When does the correlation length increase and diverge in an Ising model?

Question

I was reading chapter 5 of Dynamical Processes on Complex Networks and encountered the following paragraph:

The importance of critical phase transitions lies in the emergence at the critical point of cooperative phenomena and critical behavior. Indeed, close to the transition point, for $T$ close to $T_c$, the thermodynamic functions have a singular behavior that can be understood by considering what is happening at the microscopic scale. By definition, the correlation between two spins is $\langle \sigma_i \sigma_j \rangle - \langle \sigma_i \rangle \langle \sigma_j \rangle$, and the correlation function $G(r)$ is the average of such correlations for pairs of spins situated at distance $r$. The correlation function measures the fluctuations of the spins away from their mean values, and vanishes for $r \rightarrow \infty$ at both low and high temperature where spins are either all aligned or fluctuate independently, respectively. In particular, at high temperature the correlation function decays with a correlation length $\xi$ that can be considered as an estimate of the typical size of domains of parallel spins. As $T \rightarrow T_c$, long-range order develops in the system and the correlation length diverges: $\xi \rightarrow \infty$. More precisely, $\xi$ increases and diverges as $|(T - T_c)/T_C|^{-v}$ and exactly at $T_c$ no characteristic length is preferred: domains of all sizes can be found, corresponding to the phenomenon of scale invariance at criticality. Owing to the scale invariance at $T_c$, the ratio $G(r_1)/G(r_2)$ is necessarily a function only of $r_1/r_2$, say $\phi (r_2 / r_1)$. Such identity, which can be rewritten as $G(r/s) = \phi (s)G(r)$, has for consequences $G(r/s_1 s_2)) = \phi (s_1 s_2)G(r) = \phi ( s_1) \phi (s_2) G(r)$, which implies that $\phi$ is a power law and we have therefore at critical point $$G(r) ~ r^{-\lambda}$$ where $\lambda$ is an exponent to be determined.

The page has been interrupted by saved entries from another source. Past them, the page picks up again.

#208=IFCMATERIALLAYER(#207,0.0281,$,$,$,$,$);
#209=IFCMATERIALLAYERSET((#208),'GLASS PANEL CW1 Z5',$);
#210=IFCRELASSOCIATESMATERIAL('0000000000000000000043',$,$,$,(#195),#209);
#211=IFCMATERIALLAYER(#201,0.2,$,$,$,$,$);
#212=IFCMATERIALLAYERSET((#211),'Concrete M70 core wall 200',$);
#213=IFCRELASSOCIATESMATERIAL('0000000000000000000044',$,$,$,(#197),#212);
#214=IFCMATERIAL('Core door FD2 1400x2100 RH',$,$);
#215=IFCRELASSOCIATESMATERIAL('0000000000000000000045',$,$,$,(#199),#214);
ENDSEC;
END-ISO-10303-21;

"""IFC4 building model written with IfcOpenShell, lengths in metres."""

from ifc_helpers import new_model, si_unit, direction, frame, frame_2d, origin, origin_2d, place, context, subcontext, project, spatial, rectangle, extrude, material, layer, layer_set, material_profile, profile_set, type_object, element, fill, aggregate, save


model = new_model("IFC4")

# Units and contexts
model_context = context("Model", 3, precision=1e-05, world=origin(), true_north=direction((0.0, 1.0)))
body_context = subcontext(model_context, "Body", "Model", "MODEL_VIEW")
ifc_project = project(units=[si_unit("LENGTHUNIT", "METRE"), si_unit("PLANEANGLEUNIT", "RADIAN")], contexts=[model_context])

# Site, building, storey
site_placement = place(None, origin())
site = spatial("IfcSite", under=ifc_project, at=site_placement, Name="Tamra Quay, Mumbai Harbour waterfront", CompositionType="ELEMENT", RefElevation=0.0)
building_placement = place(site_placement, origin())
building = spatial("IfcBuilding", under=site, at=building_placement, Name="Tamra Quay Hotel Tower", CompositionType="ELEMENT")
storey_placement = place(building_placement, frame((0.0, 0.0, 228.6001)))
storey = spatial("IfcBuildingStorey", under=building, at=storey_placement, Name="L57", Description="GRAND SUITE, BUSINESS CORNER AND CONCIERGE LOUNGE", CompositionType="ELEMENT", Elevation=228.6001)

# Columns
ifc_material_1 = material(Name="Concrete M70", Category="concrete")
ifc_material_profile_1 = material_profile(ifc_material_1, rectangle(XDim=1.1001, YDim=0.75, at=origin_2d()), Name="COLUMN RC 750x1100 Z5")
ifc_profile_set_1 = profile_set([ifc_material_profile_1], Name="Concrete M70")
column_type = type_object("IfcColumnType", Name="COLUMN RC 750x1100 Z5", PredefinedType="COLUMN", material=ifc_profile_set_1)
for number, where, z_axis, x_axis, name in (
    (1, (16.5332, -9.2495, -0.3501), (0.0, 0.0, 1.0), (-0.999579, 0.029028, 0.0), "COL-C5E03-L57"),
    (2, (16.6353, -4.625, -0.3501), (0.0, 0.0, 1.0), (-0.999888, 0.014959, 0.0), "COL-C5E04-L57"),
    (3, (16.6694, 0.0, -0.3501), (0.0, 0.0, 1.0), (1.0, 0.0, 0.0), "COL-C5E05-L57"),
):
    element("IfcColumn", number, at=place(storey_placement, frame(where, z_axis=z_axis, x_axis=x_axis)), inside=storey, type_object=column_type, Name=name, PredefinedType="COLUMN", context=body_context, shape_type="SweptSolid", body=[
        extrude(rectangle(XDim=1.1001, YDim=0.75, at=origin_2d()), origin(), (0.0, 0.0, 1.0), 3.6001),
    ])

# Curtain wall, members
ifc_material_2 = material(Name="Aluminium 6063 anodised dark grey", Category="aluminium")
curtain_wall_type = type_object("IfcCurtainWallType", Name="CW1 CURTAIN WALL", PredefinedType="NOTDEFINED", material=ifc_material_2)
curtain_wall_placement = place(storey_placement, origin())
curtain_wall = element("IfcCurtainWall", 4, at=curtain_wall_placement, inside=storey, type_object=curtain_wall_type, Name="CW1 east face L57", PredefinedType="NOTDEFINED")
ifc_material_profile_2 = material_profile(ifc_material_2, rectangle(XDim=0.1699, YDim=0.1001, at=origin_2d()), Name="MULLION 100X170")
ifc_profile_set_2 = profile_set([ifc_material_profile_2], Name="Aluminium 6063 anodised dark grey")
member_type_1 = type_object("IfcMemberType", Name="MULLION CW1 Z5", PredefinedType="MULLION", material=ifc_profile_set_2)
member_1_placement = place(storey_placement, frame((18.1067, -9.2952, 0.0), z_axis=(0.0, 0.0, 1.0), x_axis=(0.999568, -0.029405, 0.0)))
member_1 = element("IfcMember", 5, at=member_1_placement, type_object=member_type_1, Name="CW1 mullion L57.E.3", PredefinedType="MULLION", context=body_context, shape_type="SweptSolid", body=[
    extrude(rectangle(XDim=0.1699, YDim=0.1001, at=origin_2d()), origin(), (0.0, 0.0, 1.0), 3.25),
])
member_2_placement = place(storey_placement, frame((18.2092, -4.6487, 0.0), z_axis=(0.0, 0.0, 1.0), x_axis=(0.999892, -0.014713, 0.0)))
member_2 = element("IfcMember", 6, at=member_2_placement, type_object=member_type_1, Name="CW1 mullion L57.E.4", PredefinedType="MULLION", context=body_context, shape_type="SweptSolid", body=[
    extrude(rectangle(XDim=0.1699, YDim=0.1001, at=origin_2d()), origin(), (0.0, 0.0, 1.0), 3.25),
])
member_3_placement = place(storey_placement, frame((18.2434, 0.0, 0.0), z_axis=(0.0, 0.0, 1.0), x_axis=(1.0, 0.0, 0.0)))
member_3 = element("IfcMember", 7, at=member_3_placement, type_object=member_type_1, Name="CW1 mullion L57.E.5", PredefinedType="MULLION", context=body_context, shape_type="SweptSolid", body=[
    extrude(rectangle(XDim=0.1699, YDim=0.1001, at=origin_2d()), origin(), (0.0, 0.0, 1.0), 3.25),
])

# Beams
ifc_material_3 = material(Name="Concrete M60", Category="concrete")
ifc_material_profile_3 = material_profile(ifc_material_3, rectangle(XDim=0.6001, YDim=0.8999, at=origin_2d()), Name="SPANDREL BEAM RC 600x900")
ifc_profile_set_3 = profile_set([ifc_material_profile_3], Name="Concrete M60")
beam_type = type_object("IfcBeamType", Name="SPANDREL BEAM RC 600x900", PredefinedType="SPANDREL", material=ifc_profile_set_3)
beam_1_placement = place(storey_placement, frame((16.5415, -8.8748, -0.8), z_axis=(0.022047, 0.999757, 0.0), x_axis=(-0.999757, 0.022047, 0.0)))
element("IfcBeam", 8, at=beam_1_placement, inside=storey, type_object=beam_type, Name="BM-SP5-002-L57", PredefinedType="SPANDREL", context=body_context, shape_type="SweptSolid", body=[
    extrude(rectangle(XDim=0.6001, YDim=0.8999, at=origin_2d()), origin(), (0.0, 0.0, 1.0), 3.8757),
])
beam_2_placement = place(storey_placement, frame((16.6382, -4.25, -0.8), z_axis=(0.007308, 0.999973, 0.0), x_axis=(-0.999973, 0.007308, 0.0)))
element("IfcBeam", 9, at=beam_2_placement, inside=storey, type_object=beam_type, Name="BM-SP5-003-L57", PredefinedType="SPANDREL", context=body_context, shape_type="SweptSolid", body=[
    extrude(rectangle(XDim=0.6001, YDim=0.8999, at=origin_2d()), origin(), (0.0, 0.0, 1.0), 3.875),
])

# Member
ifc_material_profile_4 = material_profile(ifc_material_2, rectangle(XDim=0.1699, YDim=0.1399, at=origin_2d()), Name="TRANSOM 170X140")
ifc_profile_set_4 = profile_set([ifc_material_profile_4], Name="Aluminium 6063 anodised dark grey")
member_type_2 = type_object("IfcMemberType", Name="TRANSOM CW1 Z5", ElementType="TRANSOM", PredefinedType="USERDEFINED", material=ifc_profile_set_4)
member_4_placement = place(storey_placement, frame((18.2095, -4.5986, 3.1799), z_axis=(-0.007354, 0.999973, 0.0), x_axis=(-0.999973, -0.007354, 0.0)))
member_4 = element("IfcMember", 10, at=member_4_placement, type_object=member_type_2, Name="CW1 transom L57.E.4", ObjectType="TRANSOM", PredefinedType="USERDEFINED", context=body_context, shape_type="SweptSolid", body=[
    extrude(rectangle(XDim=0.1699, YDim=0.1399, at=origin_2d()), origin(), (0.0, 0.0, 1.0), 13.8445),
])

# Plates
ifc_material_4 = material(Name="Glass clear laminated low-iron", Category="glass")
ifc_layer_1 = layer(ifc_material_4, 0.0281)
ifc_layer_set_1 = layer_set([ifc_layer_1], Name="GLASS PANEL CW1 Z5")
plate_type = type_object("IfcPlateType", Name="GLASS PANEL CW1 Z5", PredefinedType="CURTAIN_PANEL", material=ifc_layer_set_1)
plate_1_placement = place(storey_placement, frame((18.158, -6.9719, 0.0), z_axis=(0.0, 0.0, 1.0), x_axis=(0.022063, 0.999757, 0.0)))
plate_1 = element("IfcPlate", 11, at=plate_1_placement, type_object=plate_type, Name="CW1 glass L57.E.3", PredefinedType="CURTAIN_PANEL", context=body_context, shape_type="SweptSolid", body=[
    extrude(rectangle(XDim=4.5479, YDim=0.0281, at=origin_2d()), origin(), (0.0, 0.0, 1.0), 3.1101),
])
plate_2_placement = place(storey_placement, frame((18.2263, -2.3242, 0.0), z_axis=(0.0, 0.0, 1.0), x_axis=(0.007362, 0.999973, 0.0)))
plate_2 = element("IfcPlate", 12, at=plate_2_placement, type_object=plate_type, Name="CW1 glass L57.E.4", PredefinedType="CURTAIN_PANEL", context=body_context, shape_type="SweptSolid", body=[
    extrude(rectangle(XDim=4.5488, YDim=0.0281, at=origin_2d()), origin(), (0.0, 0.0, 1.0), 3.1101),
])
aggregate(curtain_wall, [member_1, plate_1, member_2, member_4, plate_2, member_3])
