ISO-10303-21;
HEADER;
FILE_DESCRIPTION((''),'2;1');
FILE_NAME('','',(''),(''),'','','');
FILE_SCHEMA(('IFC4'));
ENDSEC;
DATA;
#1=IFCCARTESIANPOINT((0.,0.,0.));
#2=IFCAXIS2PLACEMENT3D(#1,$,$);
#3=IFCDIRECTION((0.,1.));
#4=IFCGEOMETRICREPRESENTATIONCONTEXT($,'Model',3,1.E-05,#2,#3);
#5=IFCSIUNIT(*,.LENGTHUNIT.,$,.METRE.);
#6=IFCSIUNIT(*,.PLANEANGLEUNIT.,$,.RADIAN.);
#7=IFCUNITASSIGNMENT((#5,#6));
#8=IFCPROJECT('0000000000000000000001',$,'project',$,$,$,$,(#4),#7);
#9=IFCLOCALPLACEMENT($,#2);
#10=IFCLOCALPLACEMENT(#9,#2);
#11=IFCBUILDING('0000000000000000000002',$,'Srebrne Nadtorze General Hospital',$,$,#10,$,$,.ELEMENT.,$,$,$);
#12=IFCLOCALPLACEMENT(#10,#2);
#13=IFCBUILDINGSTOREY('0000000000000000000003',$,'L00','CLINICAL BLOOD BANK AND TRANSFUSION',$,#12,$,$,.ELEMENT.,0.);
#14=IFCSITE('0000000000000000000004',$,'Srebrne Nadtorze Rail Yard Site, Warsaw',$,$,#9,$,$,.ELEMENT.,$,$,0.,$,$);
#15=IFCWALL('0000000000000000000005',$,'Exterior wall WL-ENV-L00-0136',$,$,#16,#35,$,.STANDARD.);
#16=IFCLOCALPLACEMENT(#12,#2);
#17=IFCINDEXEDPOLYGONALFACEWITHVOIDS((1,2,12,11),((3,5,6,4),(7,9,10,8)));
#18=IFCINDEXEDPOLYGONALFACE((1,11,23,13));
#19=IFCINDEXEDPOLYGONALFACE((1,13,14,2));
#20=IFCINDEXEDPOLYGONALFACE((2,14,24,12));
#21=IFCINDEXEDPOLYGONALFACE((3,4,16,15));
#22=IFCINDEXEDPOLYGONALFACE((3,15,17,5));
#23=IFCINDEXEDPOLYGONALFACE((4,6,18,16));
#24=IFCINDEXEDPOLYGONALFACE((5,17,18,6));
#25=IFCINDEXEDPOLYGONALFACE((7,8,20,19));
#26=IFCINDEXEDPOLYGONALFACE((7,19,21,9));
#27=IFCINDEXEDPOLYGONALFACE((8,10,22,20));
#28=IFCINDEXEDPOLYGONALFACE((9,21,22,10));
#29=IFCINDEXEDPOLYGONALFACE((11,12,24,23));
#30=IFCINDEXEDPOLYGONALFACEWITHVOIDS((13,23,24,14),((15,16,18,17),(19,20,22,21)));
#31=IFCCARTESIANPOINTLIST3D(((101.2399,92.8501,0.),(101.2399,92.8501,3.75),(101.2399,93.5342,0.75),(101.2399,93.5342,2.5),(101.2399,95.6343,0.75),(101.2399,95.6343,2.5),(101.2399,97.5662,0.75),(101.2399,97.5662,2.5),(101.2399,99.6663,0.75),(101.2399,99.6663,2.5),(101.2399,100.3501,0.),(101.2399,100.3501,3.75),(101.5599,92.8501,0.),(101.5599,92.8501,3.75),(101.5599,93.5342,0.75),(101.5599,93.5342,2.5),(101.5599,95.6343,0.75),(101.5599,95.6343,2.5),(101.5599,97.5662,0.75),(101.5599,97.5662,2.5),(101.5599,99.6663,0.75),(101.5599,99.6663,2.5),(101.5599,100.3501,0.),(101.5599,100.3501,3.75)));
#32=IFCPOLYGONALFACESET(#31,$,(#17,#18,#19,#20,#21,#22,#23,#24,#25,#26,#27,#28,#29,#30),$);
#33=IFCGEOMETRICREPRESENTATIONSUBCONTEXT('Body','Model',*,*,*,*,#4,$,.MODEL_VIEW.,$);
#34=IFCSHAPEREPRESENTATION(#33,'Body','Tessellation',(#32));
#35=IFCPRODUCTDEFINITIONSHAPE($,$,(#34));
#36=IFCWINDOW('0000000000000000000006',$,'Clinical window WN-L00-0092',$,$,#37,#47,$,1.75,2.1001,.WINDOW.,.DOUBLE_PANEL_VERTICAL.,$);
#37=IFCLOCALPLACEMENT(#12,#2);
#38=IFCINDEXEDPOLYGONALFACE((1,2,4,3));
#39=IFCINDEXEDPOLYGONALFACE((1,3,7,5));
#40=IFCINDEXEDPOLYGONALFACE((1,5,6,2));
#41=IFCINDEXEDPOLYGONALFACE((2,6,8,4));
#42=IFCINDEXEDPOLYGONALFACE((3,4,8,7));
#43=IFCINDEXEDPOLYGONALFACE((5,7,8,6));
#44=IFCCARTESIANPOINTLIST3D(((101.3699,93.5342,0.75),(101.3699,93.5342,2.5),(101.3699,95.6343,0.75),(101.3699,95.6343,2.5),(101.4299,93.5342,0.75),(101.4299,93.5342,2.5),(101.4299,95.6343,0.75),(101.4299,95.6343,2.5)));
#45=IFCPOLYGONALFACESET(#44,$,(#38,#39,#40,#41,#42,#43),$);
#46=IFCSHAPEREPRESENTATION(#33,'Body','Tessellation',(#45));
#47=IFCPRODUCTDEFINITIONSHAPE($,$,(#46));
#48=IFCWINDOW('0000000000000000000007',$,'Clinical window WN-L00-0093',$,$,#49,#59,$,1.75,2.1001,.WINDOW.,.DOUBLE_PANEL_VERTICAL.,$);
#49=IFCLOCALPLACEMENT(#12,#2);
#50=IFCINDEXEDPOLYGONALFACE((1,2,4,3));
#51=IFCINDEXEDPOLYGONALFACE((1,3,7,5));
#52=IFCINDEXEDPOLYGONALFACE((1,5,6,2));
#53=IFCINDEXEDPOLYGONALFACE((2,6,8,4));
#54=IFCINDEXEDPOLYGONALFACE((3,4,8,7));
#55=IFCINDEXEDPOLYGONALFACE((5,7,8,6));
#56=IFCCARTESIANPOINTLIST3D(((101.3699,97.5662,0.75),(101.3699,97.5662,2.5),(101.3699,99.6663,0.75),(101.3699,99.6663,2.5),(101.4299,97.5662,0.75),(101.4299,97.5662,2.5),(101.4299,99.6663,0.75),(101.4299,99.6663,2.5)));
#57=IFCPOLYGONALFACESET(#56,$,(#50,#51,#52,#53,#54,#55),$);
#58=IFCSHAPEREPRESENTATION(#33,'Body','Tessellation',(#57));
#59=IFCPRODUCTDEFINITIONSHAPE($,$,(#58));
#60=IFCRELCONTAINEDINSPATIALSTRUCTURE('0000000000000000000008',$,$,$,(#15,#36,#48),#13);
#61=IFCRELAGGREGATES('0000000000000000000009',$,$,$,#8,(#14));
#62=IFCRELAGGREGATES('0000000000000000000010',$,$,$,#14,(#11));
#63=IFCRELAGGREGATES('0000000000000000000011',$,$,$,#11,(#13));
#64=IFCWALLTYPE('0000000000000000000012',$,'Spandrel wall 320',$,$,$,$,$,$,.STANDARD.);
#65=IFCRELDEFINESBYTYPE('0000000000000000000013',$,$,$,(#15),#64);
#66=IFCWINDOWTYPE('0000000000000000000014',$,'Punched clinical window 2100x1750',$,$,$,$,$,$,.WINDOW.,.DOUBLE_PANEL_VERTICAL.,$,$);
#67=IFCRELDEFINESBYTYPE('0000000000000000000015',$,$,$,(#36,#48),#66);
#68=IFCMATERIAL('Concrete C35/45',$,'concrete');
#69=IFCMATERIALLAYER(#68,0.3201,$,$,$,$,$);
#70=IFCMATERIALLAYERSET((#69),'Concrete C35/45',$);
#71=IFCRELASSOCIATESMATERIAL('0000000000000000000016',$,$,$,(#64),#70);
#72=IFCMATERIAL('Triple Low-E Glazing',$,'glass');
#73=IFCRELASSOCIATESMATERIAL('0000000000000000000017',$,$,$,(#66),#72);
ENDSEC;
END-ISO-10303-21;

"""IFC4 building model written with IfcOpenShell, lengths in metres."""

from ifc_helpers import new_model, si_unit, direction, frame, frame_2d, origin, place, context, subcontext, project, spatial, rectangle, extrude, material, layer, layer_set, type_object, element, fill, save


model = new_model("IFC4")

# Units and contexts
model_context = context("Model", 3, precision=1e-05, world=origin(), true_north=direction((0.0, 1.0)))
body_context = subcontext(model_context, "Body", "Model", "MODEL_VIEW")
ifc_project = project(units=[si_unit("LENGTHUNIT", "METRE"), si_unit("PLANEANGLEUNIT", "RADIAN")], contexts=[model_context])

# Site, building, storey
site_placement = place(None, origin())
site = spatial("IfcSite", under=ifc_project, at=site_placement, Name="Srebrne Nadtorze Rail Yard Site, Warsaw", CompositionType="ELEMENT", RefElevation=0.0)
building_placement = place(site_placement, origin())
building = spatial("IfcBuilding", under=site, at=building_placement, Name="Srebrne Nadtorze General Hospital", CompositionType="ELEMENT")
storey_placement = place(building_placement, origin())
storey = spatial("IfcBuildingStorey", under=building, at=storey_placement, Name="L00", Description="CLINICAL BLOOD BANK AND TRANSFUSION", CompositionType="ELEMENT", Elevation=0.0)

# Wall, openings, windows
ifc_material_1 = material(Name="Concrete C35/45", Category="concrete")
ifc_layer_1 = layer(ifc_material_1, 0.3201)
ifc_layer_set_1 = layer_set([ifc_layer_1], Name="Concrete C35/45")
wall_type_1 = type_object("IfcWallType", Name="Spandrel wall 320", PredefinedType="STANDARD", material=ifc_layer_set_1)
wall_1_placement = place(storey_placement, frame((101.3999, 92.8501, 0.0), z_axis=(0.0, 0.0, 1.0), x_axis=(0.0, 1.0, 0.0)))
wall_1 = element("IfcWall", 1, at=wall_1_placement, inside=storey, type_object=wall_type_1, Name="Exterior wall WL-ENV-L00-0136", PredefinedType="STANDARD", context=body_context, shape_type="SweptSolid", body=[
    extrude(rectangle(XDim=7.5, YDim=0.3201, at=frame_2d((3.75, 0.0))), origin(), (0.0, 0.0, 1.0), 3.75),
])
opening_1_placement = place(wall_1_placement, frame((0.6841, 0.0, 0.75)))
opening_1 = element("IfcOpeningElement", 2, at=opening_1_placement, cuts=wall_1, PredefinedType="OPENING", context=body_context, shape_type="SweptSolid", body=[
    extrude(rectangle(XDim=2.1001, YDim=1.75, at=frame_2d((1.05, 0.875))), frame((0.0, 0.1719, 0.0), z_axis=(0.0, -1.0, 0.0), x_axis=(1.0, 0.0, 0.0)), (0.0, 0.0, 1.0), 0.344),
])
opening_2_placement = place(wall_1_placement, frame((4.7161, 0.0, 0.75)))
opening_2 = element("IfcOpeningElement", 3, at=opening_2_placement, cuts=wall_1, PredefinedType="OPENING", context=body_context, shape_type="SweptSolid", body=[
    extrude(rectangle(XDim=2.1001, YDim=1.75, at=frame_2d((1.05, 0.875))), frame((0.0, 0.1719, 0.0), z_axis=(0.0, -1.0, 0.0), x_axis=(1.0, 0.0, 0.0)), (0.0, 0.0, 1.0), 0.344),
])
ifc_material_2 = material(Name="Triple Low-E Glazing", Category="glass")
window_type_1 = type_object("IfcWindowType", Name="Punched clinical window 2100x1750", PartitioningType="DOUBLE_PANEL_VERTICAL", PredefinedType="WINDOW", material=ifc_material_2)
window_1_placement = place(opening_1_placement, origin())
window_1 = element("IfcWindow", 4, at=window_1_placement, inside=storey, type_object=window_type_1, Name="Clinical window WN-L00-0092", OverallHeight=1.75, OverallWidth=2.1001, PartitioningType="DOUBLE_PANEL_VERTICAL", PredefinedType="WINDOW", context=body_context, shape_type="SweptSolid", body=[
    extrude(rectangle(XDim=2.1001, YDim=1.75, at=frame_2d((1.05, 0.875))), frame((0.0, 0.03, 0.0), z_axis=(0.0, -1.0, 0.0), x_axis=(1.0, 0.0, 0.0)), (0.0, 0.0, 1.0), 0.0601),
])
fill(opening_1, window_1)
window_2_placement = place(opening_2_placement, origin())
window_2 = element("IfcWindow", 5, at=window_2_placement, inside=storey, type_object=window_type_1, Name="Clinical window WN-L00-0093", OverallHeight=1.75, OverallWidth=2.1001, PartitioningType="DOUBLE_PANEL_VERTICAL", PredefinedType="WINDOW", context=body_context, shape_type="SweptSolid", body=[
    extrude(rectangle(XDim=2.1001, YDim=1.75, at=frame_2d((1.05, 0.875))), frame((0.0, 0.03, 0.0), z_axis=(0.0, -1.0, 0.0), x_axis=(1.0, 0.0, 0.0)), (0.0, 0.0, 1.0), 0.0601),
])
fill(opening_2, window_2)

save(model, "model.ifc")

I'm confused in particular about what $|(T - T_c)/T_C|^{-v}$ means. I couldn't find anywhere in the text where $v$ was defined. Also, what does the text mean by "as $|(T - T_c)/T_C|^{-v}$?

Answer 1

$T_{0} = \lvert(T-T_{c})/T_{c} \rvert$ is used as a reference value and is a ratio of how far above critical you are, $(T-T_{c})$, normalised by the critical value itself, $T_{c}$ (I assume the absolute values are there for the cases where $T_{c} > 0 > T$). For example, in convection in fluid mechanics, the Rayleigh number $\text{Ra}$ is a positive number related to buoyancy and essentially determines the onset of convection (when the system moves from its conduction to its convection state). The critical Rayleigh number at which onset occurs is often denoted by $\text{Ra}_{c}$. The quantity $(\text{Ra}-\text{Ra}_{c})$ then is a measure of how far above the onset of convection you are for a given $\text{Ra}$ and so $\text{R}_{0} = (\text{Ra}-\text{Ra}_{c})/\text{Ra}_{c}$ is a normalised Rayleigh number such that $R_{0} = 0$ at onset (when $\text{Ra} = \text{Ra}_{c}$) and $\text{R}_{0} > 0$ when $\text{Ra} > \text{Ra}_{c}$.

In your text, $\nu$ is just a parameter that tells you how fast the quantity $T_{0}$ grows (decays) i.e does it grow linearly ($\nu = 1$), quadratically ($\nu = 2$), exponentially ($\nu \propto T$) etc. So when the text writes

$$\xi \text{ increases and diverges as } \lvert(T-T_{c})/T_{c} \rvert^{-\nu}$$

they are just saying that the quantity $\xi$ grows at the rate $\lvert(T-T_{c})/T_{c} \rvert^{-\nu}$ for some value of $\nu$. Different systems will have different values of $\nu$ (for differing reasons) and in turn can then have different power law scalings.